Just shaved my legs with toilet water in a walgreens bathroom. I am so classy.
It is 8 o'clock in the morning and there is already blood all over one of the stalls in the bathroom. What has your St. Patrick's day done for you?
All i remember before i blacked out is you pointing to a random chick and telling me to bang her for America.
She said I wasn't helping her abandonment issues by not responding to her texts at 4 am
I think we need to find a happy medium between fried food and dicks. This could end badly.
The highlight of your blackout was when you drunk showered with the garden hose and emailed your boss your vacation requests for the next year.
I was screaming out for people to gather the townsmen and the mayor so we could hang him
Weird come down, just saw a woman on the train go to grab something and realised she had terrifying hands. They literally filled me with dread. I don't think I'm ok.

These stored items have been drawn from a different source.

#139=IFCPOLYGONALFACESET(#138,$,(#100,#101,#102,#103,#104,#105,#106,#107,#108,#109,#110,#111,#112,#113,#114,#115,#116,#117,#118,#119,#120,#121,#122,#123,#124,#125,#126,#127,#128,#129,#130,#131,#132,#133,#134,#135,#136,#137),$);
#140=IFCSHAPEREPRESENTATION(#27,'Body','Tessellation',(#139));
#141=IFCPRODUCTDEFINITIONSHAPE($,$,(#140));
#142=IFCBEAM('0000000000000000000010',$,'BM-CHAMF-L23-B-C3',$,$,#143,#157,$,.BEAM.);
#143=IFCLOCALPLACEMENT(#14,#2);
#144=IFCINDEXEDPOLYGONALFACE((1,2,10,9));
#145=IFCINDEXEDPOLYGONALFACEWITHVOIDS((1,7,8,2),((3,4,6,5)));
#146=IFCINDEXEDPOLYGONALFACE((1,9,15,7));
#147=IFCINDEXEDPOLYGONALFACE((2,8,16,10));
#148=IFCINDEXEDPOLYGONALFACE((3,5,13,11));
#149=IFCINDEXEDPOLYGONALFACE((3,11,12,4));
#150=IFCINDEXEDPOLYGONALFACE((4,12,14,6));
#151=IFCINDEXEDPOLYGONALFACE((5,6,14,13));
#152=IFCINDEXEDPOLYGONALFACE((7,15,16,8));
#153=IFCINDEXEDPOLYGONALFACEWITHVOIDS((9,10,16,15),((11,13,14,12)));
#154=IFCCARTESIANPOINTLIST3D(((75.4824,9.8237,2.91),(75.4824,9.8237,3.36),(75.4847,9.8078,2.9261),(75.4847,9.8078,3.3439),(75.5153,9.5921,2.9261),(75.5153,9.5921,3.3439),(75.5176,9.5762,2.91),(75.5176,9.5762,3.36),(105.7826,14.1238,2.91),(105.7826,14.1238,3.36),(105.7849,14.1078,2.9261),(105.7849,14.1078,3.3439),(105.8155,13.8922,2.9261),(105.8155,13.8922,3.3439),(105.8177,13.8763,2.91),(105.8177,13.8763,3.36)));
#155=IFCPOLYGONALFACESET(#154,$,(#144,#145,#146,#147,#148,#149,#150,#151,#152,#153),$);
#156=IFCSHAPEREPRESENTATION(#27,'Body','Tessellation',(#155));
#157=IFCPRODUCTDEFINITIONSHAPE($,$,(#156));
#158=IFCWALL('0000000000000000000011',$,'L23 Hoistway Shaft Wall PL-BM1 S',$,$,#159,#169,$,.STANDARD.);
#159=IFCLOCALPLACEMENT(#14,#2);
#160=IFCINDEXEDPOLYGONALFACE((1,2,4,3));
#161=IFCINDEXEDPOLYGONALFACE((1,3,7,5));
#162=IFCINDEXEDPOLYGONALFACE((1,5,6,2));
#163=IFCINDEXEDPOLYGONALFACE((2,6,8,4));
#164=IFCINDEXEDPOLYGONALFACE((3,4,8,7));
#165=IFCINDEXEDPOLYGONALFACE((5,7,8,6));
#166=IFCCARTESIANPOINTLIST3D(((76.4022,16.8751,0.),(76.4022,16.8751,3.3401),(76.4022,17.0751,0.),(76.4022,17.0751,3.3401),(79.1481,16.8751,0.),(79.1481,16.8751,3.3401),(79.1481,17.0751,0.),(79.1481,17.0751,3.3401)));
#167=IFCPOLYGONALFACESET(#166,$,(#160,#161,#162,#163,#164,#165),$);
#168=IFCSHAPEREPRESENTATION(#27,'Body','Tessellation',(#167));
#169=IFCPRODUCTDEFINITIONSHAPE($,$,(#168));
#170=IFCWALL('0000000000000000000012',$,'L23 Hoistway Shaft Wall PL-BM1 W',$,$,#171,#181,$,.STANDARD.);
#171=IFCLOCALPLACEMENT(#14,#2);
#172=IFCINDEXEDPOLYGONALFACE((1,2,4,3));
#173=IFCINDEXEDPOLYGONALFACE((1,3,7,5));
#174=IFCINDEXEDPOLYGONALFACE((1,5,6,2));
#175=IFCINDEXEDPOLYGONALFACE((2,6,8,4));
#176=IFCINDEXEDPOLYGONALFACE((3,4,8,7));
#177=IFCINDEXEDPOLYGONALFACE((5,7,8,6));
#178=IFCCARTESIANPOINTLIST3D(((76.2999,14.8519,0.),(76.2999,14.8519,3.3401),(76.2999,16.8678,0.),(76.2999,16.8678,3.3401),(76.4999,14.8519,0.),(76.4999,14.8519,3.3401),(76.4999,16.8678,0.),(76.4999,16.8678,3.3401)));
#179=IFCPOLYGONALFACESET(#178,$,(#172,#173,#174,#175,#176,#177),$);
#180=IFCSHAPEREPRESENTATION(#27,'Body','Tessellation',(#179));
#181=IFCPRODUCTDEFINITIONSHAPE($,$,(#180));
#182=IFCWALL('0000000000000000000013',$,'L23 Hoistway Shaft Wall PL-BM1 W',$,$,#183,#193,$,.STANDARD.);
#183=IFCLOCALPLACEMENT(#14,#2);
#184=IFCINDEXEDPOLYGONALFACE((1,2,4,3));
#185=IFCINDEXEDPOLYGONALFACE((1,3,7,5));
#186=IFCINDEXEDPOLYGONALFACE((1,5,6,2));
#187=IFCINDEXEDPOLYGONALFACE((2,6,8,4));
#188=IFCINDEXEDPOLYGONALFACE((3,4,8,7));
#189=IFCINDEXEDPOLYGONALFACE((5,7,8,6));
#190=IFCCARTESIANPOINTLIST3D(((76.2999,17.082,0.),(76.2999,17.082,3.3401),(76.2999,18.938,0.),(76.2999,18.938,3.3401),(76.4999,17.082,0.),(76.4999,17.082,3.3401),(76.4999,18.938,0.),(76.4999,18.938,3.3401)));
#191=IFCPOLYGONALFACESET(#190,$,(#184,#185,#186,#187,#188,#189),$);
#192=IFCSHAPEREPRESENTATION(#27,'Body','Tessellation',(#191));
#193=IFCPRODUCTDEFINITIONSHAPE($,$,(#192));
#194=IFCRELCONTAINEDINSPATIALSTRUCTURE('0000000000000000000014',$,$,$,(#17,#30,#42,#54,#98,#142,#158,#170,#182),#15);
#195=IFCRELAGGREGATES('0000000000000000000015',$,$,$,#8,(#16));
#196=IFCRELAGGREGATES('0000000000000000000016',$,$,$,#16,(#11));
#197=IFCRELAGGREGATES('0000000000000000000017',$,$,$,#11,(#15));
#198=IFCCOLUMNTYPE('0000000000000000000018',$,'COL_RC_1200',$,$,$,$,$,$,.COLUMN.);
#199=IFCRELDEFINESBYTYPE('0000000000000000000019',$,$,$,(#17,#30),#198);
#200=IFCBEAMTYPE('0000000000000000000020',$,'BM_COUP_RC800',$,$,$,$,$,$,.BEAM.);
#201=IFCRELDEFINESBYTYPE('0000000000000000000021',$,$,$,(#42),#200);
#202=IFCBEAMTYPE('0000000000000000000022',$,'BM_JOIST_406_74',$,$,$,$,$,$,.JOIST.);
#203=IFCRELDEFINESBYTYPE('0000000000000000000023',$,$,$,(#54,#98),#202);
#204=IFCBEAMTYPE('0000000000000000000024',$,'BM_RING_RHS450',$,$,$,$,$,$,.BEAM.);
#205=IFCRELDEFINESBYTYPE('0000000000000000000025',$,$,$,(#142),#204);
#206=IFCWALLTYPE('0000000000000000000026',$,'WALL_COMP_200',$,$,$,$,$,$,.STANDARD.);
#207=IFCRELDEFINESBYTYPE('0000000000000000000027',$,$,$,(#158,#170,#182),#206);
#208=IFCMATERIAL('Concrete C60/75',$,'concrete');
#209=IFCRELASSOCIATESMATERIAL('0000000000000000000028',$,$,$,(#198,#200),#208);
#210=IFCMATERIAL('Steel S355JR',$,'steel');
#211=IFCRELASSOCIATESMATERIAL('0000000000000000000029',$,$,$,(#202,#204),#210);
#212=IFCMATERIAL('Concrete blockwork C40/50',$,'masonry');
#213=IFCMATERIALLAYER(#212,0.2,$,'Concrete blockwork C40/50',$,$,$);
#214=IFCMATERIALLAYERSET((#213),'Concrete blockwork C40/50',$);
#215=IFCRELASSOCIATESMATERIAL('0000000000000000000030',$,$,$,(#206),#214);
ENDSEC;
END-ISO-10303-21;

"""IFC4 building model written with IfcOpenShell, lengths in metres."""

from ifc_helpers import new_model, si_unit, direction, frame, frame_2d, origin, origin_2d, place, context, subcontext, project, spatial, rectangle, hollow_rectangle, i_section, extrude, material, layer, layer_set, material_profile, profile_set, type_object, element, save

I mean, that's eating your cake and fucking it too.
I wish I could have seen the drive thru woman's face after " May I please have 20 Mcflurrys.....and a large diet coke, I'm trying to watch my weight for bikini season."
I found our waiter on grindr, gave him my number, and got him to send a dick pic. Still not getting laid but close enough?
Well he has a golden retriever set as his background so there's no way he was filming us having sex
I cried while dry heaving in the back of the car to the New York song with jay z in it. I was singing it inbetween gags.
Just hooked up my fuck buddy with a job working for my dad...this can only end bad.
I'm pretty sure the guy on the dance floor with crutches just smacked me in the butt with one. Do you think he's flirting?